Aligned Diffusion Schrödinger Bridges
Vignesh Ram Somnath, Matteo Pariset, Ya-Ping Hsieh, Maria Rodriguez Martinez, Andreas Krause, Charlotte Bunne
TL;DR
SBalign tackles the interpolation problem in diffusion Schrödinger bridges when data is aligned, by integrating Schrödinger bridge theory with Doob's $h$-transform to honor pairings $(\mathbf{x}_0^i, \mathbf{x}_1^i)$. It derives a loss that bypasses the traditional IPF procedure, stabilizes training through $h$-transform regularization, and represents the target process as a mixture of scaled Brownian bridges guided by the optimal coupling $\pi^{\star}$. The framework also uses paired Schrödinger bridges as priors to improve classical SB when pairings are scarce.

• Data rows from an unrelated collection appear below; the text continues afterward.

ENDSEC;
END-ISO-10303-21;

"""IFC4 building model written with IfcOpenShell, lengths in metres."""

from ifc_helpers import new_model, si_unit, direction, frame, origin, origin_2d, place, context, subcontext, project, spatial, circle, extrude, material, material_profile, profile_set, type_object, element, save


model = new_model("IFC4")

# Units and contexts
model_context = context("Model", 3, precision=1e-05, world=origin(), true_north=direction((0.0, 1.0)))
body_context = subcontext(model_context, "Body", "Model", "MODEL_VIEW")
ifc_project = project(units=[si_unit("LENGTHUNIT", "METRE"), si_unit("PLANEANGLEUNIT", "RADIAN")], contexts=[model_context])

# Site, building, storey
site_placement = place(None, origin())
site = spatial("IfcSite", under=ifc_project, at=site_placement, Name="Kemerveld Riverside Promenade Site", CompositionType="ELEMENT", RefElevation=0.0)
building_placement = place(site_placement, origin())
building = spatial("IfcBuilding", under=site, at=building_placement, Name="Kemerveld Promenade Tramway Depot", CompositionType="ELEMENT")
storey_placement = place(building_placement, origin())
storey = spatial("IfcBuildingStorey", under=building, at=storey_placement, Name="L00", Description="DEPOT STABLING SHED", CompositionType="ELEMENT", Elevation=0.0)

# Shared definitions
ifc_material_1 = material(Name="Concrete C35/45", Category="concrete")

Empirical results across synthetic datasets, single-cell differentiation, and protein docking show substantial improvements over unaligned baselines, highlighting the practical value of leveraging alignment in diffusion-based trajectory inference.
Abstract
Diffusion Schrödinger bridges (DSB) have recently emerged as a powerful framework for recovering stochastic dynamics via their marginal observations at different time points. Despite numerous successful applications, existing algorithms for solving DSBs have so far failed to utilize the structure of aligned data, which naturally arises in many biological phenomena. In this paper, we propose a novel algorithmic framework that, for the first time, solves DSBs while respecting the data alignment. Our approach hinges on a combination of two decades-old ideas: The classical Schrödinger bridge theory and Doob's $h$-transform. Compared to prior methods, our approach leads to a simpler training procedure with lower variance, which we further augment with principled regularization schemes. This ultimately leads to sizeable improvements across experiments on synthetic and real data, including the tasks of predicting conformational changes in proteins and temporal evolution of cellular differentiation processes.